Tangent Space of Product Manifold

Question

I was trying to prove the following statement(#9(a) in Guillemin & Pollack 1.2) but I couldn't make much progress.

"Show that for any manifolds $X$ and $Y$, $$T_{(x,y)}(X\times Y)=T_x(X)\times T_y(Y).$$"

My attempt so far: Parametrise X and Y locally with $U\overset{\phi}{\longrightarrow}X$ and $V\overset{\psi}{\longrightarrow}Y$ where $U\subset \mathbf R^m$ and $V\subset \mathbf R^n$.

Now we can parametrise $U\times V\overset{\phi\times \psi}{\longrightarrow}X\times Y$. By taking the derivative map, we have the tangent plane.

$\mathbf R^{m+n}\overset{d(\phi\times \psi)}\longrightarrow T_{(x,y)}(X\times Y)$. I don't know what to do after this... Apparently we are supposed to set up some relation between $T_{(x,y)}(X\times Y)$ and $T_x(X)\times T_y(Y)$...

Anyone would like to help me out?

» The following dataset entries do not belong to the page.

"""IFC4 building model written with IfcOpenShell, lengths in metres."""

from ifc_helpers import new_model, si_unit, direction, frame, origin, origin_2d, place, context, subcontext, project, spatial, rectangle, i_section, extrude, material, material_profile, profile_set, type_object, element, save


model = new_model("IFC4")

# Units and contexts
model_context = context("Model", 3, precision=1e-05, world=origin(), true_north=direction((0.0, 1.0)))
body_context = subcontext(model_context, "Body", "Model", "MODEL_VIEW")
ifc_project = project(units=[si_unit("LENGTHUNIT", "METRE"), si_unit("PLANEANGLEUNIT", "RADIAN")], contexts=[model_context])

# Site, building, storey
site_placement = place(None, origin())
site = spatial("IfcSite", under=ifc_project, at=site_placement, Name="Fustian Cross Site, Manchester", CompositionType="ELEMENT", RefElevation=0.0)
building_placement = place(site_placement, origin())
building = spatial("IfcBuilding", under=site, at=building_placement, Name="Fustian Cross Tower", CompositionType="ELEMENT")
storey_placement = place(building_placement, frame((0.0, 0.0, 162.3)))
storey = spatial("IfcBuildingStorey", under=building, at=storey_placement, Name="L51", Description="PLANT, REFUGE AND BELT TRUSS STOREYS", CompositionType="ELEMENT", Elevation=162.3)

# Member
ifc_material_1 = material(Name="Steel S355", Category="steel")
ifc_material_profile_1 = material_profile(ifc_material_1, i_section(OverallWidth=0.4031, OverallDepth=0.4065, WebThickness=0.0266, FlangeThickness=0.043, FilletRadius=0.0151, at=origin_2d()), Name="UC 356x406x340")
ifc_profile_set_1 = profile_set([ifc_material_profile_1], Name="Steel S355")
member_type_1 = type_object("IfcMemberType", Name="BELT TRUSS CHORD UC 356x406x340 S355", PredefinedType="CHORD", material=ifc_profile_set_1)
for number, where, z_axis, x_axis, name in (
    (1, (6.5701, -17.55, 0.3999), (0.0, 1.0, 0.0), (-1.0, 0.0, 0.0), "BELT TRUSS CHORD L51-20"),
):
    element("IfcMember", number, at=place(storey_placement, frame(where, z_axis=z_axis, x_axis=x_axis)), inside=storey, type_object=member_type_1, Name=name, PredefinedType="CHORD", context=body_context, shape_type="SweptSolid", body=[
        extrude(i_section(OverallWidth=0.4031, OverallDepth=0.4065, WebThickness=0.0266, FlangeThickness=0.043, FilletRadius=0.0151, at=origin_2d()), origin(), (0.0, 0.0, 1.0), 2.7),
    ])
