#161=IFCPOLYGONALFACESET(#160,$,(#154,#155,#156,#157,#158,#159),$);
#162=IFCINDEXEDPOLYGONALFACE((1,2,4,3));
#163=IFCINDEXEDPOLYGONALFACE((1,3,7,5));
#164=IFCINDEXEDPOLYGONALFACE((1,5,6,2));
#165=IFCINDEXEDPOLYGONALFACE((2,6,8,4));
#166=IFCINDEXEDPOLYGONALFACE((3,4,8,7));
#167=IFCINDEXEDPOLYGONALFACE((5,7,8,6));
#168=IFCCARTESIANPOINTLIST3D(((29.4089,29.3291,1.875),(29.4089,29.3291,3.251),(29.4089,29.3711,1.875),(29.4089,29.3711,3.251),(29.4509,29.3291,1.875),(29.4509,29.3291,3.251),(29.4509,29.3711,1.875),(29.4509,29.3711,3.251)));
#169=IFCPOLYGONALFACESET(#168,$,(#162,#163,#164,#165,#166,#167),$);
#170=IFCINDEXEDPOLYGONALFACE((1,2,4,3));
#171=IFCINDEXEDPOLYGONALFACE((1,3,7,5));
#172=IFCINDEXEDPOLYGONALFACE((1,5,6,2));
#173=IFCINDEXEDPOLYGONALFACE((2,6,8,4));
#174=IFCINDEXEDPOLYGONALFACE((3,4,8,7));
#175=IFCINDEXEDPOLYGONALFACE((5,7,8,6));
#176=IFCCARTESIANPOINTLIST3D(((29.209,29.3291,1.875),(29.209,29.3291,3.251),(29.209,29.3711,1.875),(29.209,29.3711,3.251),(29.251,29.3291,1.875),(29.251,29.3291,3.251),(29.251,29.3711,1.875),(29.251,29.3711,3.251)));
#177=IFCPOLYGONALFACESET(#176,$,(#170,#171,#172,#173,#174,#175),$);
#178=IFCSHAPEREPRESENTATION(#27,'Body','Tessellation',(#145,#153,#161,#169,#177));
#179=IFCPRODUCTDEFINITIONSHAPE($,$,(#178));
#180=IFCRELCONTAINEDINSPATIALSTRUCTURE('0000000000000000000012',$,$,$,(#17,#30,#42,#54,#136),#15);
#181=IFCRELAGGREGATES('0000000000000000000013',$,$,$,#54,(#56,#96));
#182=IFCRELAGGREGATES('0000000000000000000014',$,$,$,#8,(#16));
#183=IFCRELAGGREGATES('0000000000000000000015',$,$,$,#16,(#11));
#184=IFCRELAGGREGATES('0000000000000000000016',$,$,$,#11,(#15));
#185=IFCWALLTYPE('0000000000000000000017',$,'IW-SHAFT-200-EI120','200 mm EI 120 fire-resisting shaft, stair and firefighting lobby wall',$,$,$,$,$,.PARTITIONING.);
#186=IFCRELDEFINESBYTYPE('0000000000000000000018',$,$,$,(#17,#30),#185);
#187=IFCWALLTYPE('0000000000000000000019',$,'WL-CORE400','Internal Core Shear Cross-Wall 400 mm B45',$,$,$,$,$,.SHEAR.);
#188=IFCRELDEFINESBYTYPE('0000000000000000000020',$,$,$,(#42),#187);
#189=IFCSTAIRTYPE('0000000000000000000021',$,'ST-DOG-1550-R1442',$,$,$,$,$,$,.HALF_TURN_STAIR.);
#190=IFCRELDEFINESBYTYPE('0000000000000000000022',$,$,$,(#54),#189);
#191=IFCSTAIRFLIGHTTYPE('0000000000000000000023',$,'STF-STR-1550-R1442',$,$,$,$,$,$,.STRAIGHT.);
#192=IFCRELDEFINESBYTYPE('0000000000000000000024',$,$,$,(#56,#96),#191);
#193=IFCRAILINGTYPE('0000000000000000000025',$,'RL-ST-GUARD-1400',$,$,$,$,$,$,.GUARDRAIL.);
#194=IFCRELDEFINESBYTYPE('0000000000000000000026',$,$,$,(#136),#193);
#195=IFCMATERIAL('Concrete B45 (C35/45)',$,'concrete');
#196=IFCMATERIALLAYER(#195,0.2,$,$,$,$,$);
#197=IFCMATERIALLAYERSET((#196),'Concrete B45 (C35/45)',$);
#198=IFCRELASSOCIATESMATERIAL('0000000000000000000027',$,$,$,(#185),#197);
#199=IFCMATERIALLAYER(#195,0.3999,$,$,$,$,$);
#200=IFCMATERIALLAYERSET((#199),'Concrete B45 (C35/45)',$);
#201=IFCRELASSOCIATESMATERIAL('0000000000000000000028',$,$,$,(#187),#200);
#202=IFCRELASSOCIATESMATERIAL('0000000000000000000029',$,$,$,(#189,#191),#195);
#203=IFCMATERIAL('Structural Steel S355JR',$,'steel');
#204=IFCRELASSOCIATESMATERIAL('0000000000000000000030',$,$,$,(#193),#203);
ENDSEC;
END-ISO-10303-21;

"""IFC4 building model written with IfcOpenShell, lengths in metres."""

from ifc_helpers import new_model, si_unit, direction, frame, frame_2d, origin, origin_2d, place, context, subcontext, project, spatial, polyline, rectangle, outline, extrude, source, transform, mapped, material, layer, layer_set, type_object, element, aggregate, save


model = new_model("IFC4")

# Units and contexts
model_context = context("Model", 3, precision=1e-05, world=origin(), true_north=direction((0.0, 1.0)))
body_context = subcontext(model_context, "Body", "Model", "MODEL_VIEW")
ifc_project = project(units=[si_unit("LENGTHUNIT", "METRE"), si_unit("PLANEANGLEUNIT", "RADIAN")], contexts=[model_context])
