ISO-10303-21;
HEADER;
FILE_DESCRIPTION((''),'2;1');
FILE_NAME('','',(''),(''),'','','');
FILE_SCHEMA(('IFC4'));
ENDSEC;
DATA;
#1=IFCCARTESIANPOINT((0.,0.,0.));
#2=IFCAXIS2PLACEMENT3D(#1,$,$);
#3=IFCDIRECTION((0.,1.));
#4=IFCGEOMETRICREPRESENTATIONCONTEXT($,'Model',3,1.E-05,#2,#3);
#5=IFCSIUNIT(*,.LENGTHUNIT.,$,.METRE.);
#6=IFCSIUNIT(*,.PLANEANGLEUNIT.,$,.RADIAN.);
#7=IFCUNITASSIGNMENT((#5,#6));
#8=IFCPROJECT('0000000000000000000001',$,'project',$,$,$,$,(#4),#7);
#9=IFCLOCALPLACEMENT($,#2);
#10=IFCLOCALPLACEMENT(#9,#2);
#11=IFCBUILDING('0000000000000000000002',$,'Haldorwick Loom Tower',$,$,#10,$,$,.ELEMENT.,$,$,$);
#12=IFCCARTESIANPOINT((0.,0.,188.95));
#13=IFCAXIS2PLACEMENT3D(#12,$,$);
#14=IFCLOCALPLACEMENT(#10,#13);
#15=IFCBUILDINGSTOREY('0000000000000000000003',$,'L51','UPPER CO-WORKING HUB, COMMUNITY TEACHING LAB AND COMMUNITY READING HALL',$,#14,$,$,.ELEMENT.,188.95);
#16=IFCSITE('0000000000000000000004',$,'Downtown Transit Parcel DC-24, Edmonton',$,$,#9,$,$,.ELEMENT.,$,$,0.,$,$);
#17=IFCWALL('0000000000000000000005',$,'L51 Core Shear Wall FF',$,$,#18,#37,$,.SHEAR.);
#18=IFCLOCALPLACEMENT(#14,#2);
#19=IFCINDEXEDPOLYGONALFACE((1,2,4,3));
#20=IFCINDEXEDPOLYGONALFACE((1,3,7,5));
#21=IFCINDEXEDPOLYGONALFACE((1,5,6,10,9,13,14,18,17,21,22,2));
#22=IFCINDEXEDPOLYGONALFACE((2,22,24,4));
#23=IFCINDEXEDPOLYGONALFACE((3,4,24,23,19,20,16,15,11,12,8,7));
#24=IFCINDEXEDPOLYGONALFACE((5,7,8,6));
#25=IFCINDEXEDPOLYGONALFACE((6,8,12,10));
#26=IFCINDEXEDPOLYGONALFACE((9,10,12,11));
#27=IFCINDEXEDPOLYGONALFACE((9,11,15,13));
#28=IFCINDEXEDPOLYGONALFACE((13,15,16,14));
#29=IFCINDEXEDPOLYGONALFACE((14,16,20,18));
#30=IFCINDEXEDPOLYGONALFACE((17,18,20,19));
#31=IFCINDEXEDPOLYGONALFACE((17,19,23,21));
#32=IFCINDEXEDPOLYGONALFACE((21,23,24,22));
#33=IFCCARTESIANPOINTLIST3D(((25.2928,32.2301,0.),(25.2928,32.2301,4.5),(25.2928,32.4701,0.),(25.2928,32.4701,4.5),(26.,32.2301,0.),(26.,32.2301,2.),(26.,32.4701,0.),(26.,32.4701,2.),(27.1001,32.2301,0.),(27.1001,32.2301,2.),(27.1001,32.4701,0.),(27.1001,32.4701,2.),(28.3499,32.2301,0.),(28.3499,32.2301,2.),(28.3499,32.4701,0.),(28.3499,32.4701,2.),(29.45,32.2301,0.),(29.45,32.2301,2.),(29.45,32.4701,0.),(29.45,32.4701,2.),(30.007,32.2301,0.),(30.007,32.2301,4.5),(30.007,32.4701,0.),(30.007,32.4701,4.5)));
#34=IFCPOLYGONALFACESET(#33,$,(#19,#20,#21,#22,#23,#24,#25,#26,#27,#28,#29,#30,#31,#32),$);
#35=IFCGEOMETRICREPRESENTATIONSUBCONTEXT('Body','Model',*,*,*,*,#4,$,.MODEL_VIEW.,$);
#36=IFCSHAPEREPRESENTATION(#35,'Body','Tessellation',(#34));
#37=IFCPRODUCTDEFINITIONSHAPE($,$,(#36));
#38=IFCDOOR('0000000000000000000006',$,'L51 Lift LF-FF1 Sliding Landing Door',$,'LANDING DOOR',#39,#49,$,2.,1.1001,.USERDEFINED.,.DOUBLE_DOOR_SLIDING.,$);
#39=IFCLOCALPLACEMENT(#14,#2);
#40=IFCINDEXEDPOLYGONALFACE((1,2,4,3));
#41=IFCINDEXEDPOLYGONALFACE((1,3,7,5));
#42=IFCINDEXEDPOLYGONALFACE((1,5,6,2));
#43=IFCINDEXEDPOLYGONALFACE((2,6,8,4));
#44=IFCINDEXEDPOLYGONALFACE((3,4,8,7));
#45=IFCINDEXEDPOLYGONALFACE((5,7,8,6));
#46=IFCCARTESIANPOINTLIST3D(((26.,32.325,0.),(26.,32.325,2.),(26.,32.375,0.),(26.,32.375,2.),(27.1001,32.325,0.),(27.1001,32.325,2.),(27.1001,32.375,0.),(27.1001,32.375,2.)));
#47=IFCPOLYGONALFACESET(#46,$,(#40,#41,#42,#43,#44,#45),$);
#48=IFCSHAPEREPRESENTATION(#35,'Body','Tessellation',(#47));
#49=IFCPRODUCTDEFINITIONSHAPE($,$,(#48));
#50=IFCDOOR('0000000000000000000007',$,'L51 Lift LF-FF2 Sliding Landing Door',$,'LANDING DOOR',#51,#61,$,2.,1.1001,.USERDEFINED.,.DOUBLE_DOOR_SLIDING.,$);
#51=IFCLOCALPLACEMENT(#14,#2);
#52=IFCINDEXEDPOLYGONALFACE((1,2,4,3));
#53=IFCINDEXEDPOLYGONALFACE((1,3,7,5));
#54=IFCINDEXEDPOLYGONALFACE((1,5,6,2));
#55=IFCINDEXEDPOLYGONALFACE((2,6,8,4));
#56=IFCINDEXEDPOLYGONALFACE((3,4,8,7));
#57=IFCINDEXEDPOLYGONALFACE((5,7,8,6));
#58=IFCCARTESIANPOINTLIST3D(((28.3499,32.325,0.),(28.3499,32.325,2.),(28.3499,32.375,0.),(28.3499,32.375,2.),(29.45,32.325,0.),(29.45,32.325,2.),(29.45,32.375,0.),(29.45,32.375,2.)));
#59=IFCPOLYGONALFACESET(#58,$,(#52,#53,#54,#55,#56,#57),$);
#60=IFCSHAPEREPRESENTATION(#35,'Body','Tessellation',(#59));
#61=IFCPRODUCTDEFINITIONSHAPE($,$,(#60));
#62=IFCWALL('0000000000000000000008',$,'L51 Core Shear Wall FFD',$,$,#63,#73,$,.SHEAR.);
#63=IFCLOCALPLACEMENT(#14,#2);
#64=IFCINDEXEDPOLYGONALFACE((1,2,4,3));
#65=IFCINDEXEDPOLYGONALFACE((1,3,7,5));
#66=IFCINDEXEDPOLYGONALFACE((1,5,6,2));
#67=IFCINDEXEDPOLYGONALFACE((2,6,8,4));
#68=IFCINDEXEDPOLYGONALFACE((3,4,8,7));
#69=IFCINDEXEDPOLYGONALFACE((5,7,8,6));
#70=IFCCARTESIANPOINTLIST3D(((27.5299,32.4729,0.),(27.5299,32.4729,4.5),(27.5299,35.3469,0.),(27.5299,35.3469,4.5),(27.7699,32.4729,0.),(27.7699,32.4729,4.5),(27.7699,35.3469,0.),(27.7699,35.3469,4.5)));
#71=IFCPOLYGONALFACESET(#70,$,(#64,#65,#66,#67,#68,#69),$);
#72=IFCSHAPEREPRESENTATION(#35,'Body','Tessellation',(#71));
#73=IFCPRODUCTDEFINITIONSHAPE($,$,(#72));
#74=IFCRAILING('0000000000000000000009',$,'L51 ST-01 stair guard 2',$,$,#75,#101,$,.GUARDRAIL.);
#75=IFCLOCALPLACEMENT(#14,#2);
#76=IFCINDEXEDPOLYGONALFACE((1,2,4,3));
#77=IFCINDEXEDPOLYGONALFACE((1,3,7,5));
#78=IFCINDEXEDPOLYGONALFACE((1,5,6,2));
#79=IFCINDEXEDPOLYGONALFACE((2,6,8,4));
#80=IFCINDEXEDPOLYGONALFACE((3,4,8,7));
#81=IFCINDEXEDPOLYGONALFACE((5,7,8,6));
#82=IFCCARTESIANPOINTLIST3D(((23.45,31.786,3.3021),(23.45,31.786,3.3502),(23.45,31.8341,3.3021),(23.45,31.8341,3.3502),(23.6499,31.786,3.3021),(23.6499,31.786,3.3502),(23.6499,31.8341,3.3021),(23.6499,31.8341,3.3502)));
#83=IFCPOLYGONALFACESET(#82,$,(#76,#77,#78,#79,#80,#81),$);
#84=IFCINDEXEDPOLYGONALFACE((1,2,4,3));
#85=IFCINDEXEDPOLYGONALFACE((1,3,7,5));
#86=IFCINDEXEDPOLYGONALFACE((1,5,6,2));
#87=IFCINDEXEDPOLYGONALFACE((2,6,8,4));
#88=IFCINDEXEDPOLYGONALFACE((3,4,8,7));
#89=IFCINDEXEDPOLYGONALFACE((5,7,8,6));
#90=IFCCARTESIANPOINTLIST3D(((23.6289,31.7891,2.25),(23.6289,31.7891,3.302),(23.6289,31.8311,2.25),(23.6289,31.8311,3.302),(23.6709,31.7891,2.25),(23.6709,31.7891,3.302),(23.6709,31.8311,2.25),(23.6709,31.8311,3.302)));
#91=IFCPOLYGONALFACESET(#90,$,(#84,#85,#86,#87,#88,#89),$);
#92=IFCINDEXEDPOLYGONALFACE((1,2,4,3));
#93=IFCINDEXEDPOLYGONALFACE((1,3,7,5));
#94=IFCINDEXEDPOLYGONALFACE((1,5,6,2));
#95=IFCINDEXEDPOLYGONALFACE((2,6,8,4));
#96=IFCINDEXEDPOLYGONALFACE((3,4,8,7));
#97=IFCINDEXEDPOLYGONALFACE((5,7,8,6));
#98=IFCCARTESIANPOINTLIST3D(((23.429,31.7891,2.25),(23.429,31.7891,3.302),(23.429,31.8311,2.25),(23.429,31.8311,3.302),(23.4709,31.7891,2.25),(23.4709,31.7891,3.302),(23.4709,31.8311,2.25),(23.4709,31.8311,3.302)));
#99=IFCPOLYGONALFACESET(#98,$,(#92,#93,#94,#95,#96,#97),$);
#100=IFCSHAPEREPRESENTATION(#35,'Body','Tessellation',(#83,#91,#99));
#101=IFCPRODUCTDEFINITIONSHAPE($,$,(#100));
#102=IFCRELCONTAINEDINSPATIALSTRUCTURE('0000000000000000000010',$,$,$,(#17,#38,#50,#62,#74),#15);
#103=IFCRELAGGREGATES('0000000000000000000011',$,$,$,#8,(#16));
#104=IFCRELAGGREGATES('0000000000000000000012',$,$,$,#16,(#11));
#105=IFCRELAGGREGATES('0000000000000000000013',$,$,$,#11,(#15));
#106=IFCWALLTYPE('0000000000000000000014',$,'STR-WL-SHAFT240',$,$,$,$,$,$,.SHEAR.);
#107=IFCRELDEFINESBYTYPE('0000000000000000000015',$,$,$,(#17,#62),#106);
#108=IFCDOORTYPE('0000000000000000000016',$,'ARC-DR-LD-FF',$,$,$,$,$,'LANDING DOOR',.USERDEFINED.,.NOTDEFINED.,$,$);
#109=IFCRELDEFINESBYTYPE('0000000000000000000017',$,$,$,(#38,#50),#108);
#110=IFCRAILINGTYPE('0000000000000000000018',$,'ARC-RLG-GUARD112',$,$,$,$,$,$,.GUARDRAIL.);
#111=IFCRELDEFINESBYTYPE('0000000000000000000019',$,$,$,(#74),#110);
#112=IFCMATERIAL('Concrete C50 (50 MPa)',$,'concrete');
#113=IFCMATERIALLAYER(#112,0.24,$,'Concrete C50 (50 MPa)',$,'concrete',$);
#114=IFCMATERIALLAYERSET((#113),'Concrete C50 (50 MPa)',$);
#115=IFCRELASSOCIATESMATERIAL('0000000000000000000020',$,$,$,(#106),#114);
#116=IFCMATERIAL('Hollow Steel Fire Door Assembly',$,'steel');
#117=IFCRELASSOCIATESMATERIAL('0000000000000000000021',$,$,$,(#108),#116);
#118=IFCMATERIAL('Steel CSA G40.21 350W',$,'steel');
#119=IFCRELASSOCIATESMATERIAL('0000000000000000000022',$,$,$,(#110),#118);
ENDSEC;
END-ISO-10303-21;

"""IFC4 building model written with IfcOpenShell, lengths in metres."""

from ifc_helpers import new_model, si_unit, direction, frame, frame_2d, origin, origin_2d, place, context, subcontext, project, spatial, rectangle, extrude, material, layer, layer_set, type_object, element, fill, save


model = new_model("IFC4")

# Units and contexts
model_context = context("Model", 3, precision=1e-05, world=origin(), true_north=direction((0.0, 1.0)))
body_context = subcontext(model_context, "Body", "Model", "MODEL_VIEW")
ifc_project = project(units=[si_unit("LENGTHUNIT", "METRE"), si_unit("PLANEANGLEUNIT", "RADIAN")], contexts=[model_context])

# Site, building, storey
site_placement = place(None, origin())
site = spatial("IfcSite", under=ifc_project, at=site_placement, Name="Downtown Transit Parcel DC-24, Edmonton", CompositionType="ELEMENT", RefElevation=0.0)
building_placement = place(site_placement, origin())
building = spatial("IfcBuilding", under=site, at=building_placement, Name="Haldorwick Loom Tower", CompositionType="ELEMENT")
storey_placement = place(building_placement, frame((0.0, 0.0, 188.95)))
storey = spatial("IfcBuildingStorey", under=building, at=storey_placement, Name="L51", Description="UPPER CO-WORKING HUB, COMMUNITY TEACHING LAB AND COMMUNITY READING HALL", CompositionType="ELEMENT", Elevation=188.95)

# Shared definitions
ifc_material_1 = material(Name="Steel CSA G40.21 350W", Category="steel")

# Shared definitions
ifc_material_2 = material(Name="Concrete C50 (50 MPa)", Category="concrete")

# Shared definitions
ifc_layer_1 = layer(ifc_material_2, 0.24, Name="Concrete C50 (50 MPa)", Category="concrete")
ifc_layer_set_1 = layer_set([ifc_layer_1], Name="Concrete C50 (50 MPa)")
wall_type_1 = type_object("IfcWallType", Name="STR-WL-SHAFT240", PredefinedType="SHEAR", material=ifc_layer_set_1)
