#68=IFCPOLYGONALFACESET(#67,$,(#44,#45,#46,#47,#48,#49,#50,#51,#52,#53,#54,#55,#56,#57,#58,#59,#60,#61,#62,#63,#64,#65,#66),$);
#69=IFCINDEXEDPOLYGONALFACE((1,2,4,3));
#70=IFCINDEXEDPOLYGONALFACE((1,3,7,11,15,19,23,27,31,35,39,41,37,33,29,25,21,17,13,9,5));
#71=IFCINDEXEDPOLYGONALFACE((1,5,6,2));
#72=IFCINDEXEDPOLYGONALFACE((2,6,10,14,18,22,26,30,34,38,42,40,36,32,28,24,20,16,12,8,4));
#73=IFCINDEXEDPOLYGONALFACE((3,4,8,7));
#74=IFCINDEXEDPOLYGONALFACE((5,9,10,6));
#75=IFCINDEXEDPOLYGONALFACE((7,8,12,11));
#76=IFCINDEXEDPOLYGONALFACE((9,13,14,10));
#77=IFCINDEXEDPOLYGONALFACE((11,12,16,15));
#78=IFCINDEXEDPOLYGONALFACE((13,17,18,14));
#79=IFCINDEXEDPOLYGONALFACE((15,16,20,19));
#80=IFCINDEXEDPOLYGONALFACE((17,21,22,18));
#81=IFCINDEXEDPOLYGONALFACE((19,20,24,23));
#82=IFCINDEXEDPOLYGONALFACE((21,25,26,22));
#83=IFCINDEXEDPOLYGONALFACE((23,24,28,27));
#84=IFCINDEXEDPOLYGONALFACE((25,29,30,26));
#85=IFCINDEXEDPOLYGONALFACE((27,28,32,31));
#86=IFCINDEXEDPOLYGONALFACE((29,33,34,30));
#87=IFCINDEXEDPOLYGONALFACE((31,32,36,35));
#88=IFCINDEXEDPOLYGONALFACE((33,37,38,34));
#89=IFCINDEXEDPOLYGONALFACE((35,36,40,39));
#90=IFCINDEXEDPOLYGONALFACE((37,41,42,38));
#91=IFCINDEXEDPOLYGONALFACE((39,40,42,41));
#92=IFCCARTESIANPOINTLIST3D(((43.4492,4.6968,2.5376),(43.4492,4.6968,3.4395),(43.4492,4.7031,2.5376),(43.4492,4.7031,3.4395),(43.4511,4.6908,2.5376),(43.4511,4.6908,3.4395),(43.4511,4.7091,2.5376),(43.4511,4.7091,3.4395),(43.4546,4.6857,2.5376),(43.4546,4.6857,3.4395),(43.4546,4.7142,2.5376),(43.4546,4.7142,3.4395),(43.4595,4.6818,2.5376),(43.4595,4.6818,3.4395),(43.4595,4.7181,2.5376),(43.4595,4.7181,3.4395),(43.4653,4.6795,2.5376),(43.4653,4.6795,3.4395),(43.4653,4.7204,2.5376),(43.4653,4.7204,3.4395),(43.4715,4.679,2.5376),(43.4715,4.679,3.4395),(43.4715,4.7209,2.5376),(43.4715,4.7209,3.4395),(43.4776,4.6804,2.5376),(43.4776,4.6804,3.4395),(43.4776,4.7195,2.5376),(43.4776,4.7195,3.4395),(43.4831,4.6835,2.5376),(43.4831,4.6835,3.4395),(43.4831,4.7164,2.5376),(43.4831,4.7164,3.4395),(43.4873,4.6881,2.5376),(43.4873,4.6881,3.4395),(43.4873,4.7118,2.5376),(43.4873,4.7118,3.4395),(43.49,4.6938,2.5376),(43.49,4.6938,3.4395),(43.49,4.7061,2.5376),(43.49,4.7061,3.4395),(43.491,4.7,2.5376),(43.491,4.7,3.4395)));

Thanks!

Answer 1

I don't understand what you are trying to do and here's what I would do. Consider the canonical projections $\pi_X,\pi_Y$ from $X \times Y$ to $X$ and $Y$ respectively. Let $(p,q) \in X \times Y$ and now consider the map

$$f : T_{(p,q)}(X \times Y) \to T_p X \times T_q Y$$

that sends a vector $v$ to elements $\Big(d(\pi_X)_{(p,q)}(v), d(\pi_Y)_{(p,q)}(v) \Big)$. This is linear since $d(\pi_X)_{(p,q)}$ and $d(\pi_Y)_{(p,q)}$ are both linear. On the other hand, define $$g : T_p X \times T_q Y \to T_{(p,q)} (X \times Y)$$ that sends a pair of vectors $(v,w)$ to $d(\iota_X)_p(v) +d(\iota_Y)_q(w)$, where $\iota_X : X \to X\times Y$ sends $X$ to the slice $X \times \{q\}$ and similarly for $\iota_Y$.

Using that \begin{align} \pi_X \circ \iota_X =\operatorname{id}_X, \ \ \pi_Y\circ \iota_Y=\operatorname{id}_Y, \end{align}

$\pi_Y \circ \iota_X, \ \ \pi_X\circ \iota_Y$ are constant maps and chain rule, we have

\begin{align}(f \circ g) (v, w) &= f ( d(\iota_X)_p(v) +d(\iota_Y)_q(w)) \\ &= \Big(d(\pi_X)_{(p,q)}( d(\iota_X)_p(v) +d(\iota_Y)_q(w)), d(\pi_Y)_{(p,q)}( d(\iota_X)_p(v) +d(\iota_Y)_q(w)) \Big) \\ &=\Big(d(\pi_X\circ \iota_X)_p(v) +d(\pi_X\circ\iota_Y)_q(w)), d(\pi_Y\circ\iota_X)_p(v) +d(\pi_Y\circ\iota_Y)_q(w)) \Big) \\ &= (v, w) \end{align}

Thus $f$ is surjective. Since $T_{(p,q)}(X \times Y)$ and $ T_p X \times T_q Y$ have the same dimension, $f$ is a linear isomorphism.

Answer 2

I'm assuming you want to show that there is an isomorphism between the two spaces, if so, I would refer you Loring Tu's excellent book introduction to manifolds. Problem 8.7 is the question you are looking for and the solution is at the back. In a nutshell, he showed an isomorphism by sending basis elements to basis elements using the differential of the projection maps.

(Tu's book can be found using Google, just google "tu introduction to manifolds")

Hope this helps.

Answer 3

Abusing a little. Nowhere in the problem does it say exactly what to use and what not to so, to prove that $$T_{(x,y)}(X\times Y)=T_{x}X\times T_{y}Y$$ you can use a dimensional argument. Given that dim$(T_{(x,y)}(X\times Y))=$dim$(T_{x}X\times T_{y}Y)$ and that both vectorial spaces are of finite dimension, then both are isomorphic.

I know, I know, It's ugly... But it is correct.